The potency and identity of biologics hinge on well-established CQAs. Understanding these attributes and their implications on manufacturing processes is crucial for regulatory compliance. The following steps illustrate how to manage CQAs within biologics manufacturing:

  • Define CQAs: Establish clear definitions and criteria for CQAs pertinent to potency and identity, focusing on measurable parameters essential for product efficacy.
  • Implement Chain of Identity Custody: Develop a robust process for maintaining a chain of identity custody (COI) throughout the manufacturing process. This includes tracking and documenting the journey of product materials from sourcing to the final product.
  • Regular Review and Assessment: Conduct regular reviews of CQAs against defined benchmarks to ensure compliance and detect any deviations that could negatively impact product quality.
  • Collaboration with Regulators: Maintain open channels of communication with regulatory bodies such as the EMA to ensure that your approach to managing CQAs meets current expectations and guidance.

Tailoring PPQ and CPV for Advanced Therapy Medicinal Products (ATMP)

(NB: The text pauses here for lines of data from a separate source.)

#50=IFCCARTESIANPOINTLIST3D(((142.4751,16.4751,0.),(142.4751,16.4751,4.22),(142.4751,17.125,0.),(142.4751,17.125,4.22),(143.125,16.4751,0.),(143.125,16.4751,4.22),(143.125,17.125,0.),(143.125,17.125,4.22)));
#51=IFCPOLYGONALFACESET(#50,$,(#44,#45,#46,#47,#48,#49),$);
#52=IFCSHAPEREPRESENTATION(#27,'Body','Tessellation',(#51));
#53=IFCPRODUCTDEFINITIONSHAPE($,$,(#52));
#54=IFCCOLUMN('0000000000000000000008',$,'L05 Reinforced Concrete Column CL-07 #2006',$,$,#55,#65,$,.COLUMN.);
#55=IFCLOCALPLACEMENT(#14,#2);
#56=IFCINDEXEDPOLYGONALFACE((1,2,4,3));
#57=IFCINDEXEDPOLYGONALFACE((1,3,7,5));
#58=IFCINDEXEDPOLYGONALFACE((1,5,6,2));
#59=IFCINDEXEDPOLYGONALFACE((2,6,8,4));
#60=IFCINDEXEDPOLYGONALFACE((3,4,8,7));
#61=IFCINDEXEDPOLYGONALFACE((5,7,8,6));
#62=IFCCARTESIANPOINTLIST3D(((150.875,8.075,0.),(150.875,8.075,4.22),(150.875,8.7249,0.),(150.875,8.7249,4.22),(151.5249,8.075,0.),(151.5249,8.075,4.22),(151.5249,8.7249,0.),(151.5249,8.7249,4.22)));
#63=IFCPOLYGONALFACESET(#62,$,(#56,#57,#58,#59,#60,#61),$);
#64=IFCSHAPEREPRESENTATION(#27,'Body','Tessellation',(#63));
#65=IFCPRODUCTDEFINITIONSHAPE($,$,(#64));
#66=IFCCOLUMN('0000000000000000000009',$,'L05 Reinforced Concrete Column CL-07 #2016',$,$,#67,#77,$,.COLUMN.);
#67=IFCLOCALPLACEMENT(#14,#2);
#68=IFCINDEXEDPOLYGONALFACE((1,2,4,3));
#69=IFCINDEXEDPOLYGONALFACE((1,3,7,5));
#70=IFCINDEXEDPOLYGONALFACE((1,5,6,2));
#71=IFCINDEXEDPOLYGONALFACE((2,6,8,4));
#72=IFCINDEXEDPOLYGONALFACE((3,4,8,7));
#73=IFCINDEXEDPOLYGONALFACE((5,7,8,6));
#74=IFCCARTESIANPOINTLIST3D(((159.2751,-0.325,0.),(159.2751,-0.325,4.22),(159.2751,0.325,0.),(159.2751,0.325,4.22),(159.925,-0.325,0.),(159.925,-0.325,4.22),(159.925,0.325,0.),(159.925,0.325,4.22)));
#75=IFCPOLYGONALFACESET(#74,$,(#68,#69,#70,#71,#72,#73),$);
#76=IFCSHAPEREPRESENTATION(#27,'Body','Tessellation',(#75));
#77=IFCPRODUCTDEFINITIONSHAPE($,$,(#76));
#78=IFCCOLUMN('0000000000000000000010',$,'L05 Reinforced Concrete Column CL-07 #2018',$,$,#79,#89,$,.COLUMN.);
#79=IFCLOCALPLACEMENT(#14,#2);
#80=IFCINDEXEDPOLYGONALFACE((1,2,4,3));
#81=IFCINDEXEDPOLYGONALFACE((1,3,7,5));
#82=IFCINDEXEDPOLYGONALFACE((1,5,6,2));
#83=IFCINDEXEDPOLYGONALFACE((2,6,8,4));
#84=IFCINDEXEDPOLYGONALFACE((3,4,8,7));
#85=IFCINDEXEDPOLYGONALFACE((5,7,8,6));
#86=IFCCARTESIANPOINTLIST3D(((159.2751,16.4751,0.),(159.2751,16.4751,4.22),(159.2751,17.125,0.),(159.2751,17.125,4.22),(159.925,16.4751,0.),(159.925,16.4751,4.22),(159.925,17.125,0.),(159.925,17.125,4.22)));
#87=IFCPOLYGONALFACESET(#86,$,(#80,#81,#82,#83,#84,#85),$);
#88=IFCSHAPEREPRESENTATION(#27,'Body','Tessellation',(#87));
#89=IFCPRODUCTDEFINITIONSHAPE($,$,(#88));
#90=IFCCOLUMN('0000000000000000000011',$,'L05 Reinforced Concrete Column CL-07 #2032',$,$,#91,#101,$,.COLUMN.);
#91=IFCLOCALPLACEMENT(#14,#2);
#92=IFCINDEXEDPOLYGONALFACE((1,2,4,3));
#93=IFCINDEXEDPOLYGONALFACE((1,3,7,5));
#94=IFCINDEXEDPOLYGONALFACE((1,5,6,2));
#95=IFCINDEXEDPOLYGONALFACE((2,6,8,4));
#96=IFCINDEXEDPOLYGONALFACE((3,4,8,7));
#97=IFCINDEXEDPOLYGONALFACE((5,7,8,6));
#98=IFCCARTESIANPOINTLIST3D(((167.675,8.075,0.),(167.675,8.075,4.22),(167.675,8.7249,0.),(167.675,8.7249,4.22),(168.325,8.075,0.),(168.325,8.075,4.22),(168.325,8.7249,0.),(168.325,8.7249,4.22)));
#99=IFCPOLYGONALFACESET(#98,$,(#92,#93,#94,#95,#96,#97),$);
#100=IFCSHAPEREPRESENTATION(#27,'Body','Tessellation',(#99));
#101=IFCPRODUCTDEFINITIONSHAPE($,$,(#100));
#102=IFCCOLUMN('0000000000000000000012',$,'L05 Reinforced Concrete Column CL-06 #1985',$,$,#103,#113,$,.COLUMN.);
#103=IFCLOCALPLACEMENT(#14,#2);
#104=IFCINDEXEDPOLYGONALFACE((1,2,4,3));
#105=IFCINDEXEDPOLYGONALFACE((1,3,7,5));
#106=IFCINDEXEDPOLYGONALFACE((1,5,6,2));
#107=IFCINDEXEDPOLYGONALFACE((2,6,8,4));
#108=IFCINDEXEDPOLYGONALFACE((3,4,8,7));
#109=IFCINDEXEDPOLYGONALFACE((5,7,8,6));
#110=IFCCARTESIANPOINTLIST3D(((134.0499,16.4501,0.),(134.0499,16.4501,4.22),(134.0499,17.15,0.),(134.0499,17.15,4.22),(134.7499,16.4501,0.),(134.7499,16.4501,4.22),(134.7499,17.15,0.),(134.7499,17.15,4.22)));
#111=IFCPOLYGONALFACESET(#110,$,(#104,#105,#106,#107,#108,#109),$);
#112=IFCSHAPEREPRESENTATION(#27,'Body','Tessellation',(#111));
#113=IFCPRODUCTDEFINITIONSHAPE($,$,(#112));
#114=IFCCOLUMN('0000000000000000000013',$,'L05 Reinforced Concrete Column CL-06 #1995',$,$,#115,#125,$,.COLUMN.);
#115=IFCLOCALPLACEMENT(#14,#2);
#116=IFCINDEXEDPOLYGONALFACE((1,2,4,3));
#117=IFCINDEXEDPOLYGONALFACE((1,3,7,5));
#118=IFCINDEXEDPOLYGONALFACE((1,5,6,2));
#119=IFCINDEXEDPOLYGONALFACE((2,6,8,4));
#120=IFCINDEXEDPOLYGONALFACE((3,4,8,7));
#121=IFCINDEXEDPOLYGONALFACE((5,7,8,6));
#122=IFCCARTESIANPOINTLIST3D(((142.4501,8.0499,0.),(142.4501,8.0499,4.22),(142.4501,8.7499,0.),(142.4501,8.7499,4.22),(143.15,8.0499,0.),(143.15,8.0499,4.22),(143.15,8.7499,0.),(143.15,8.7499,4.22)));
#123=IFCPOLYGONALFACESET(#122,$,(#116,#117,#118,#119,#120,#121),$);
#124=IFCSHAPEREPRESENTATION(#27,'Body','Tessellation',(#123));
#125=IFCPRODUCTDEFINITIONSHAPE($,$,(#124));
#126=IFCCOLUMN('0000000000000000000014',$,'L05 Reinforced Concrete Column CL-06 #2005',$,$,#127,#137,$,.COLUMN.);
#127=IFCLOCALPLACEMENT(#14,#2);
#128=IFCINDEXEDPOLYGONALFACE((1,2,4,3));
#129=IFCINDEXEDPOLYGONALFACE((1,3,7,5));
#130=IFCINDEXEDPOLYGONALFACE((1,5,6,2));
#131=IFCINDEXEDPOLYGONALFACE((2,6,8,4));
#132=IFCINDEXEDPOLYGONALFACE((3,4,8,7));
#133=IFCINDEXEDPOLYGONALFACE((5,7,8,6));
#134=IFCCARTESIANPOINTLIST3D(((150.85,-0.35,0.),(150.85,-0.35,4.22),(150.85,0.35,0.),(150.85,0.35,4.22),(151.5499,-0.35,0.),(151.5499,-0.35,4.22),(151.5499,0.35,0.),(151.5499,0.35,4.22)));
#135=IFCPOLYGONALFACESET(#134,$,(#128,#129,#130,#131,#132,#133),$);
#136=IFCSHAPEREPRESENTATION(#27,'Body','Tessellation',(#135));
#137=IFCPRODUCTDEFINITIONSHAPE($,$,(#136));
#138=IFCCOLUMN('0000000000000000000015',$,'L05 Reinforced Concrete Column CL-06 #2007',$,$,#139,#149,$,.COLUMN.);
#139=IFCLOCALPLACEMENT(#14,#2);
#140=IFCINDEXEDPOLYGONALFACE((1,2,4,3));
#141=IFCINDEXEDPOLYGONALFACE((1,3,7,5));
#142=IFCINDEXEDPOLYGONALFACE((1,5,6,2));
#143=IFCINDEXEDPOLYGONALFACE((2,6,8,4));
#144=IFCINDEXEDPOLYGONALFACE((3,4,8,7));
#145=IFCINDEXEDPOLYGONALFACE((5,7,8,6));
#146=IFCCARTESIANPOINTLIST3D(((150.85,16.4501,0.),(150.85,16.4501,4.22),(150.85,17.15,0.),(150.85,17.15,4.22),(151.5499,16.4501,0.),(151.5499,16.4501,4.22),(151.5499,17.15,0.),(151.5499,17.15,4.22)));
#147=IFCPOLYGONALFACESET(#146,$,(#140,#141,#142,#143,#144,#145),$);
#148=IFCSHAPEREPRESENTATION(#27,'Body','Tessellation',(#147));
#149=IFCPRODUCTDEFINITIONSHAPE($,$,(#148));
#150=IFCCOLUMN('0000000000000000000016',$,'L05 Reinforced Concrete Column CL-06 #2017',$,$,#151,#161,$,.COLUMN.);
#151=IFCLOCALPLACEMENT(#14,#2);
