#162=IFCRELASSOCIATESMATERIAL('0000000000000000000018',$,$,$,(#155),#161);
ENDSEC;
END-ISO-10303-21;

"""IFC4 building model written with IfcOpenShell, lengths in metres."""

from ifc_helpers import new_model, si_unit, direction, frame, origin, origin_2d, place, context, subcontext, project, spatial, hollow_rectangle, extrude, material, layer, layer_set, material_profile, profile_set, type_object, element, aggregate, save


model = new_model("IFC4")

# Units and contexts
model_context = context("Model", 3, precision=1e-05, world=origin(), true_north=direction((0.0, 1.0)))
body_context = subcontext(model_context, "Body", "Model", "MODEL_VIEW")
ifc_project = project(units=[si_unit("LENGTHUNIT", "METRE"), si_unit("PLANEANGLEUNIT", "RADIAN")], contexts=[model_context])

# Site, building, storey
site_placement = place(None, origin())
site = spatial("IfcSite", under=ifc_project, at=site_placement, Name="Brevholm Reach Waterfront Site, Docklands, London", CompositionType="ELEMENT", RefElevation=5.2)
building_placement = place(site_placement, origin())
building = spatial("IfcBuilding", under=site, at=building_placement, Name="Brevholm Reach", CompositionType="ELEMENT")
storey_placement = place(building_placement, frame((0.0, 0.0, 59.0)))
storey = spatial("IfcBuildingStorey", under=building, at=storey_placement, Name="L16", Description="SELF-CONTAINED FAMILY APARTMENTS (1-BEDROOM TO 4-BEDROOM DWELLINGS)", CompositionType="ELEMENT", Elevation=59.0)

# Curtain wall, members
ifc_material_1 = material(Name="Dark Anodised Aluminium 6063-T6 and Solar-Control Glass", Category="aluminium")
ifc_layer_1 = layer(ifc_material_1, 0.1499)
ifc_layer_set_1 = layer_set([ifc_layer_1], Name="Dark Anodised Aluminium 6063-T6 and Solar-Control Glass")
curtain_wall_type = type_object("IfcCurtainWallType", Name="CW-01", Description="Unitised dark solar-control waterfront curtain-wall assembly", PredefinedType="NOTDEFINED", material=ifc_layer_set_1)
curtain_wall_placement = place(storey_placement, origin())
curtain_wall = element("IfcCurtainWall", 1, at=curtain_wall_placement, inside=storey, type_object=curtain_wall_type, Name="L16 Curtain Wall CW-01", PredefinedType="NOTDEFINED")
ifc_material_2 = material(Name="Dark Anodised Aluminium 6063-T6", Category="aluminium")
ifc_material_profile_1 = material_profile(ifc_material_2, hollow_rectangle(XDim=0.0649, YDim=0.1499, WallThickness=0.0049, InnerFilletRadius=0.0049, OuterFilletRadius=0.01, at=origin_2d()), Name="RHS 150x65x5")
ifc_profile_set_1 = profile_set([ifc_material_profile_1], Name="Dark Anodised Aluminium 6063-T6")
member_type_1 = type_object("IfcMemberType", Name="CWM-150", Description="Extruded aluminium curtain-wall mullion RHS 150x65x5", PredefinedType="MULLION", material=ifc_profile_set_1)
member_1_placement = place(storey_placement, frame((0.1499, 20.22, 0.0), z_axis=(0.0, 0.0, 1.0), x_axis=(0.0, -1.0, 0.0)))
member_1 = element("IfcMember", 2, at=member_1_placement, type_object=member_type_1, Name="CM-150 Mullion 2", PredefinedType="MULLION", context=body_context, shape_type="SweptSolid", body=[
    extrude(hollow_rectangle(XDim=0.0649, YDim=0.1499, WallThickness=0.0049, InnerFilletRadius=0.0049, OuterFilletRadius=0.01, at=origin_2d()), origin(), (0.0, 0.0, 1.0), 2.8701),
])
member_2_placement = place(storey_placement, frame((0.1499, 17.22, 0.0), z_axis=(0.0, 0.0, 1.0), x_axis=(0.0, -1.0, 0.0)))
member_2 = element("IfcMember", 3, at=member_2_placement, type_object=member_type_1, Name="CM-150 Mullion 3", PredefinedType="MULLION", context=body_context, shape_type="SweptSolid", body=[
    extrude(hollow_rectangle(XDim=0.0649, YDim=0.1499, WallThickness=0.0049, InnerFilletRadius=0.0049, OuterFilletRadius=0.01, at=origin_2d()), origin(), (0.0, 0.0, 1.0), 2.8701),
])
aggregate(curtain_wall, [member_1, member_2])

Tailoring the Process Performance Qualification (PPQ) and Continuous Process Verification (CPV) is essential in the context of ATMPs due to their unique manufacturing challenges. Here are key considerations:

  • Risk-Based Approach: Adopt a risk-based approach tailored to the specific attributes and mechanisms of action of ATMPs. This is essential to adapt your PPQ protocol accordingly.
  • Dynamic Adjustments: Implement dynamic adjustments within the CPV framework to adapt to changing manufacturing conditions, ensuring that quality parameters remain within acceptable limits.
  • Documentation and Compliance: Ensure robust documentation practices throughout the PPQ and CPV processes to demonstrate compliance with regulatory expectations, including maintaining a comprehensive record of changes to processes and their effects on ATMP quality.
  • Long-Term Monitoring: Establish a framework for long-term monitoring of product performance once in use to continually assess product quality and safety over time.

Outcome and Conclusion

The streamlined management of reference change triggers, alongside comprehensive plans for viral clearance validation and the smart implementation of single-use and closed systems, lays a solid foundation for robust bioassay practices in the biopharmaceutical field. Additionally, careful consideration of complex CQAs and the tailoring of PPQ and CPV measures enables pharmaceutical professionals to adhere to stringent regulatory requirements while ensuring product safety and efficacy. By following these guidelines, professionals can achieve compliance with global regulatory bodies such as the WHO, FDA, EMA, and others.

In conclusion, staying proactive in understanding and addressing potential reference change triggers will facilitate better quality management systems within bioassays and enhance overall product integrity, ultimately leading to safer patient outcomes.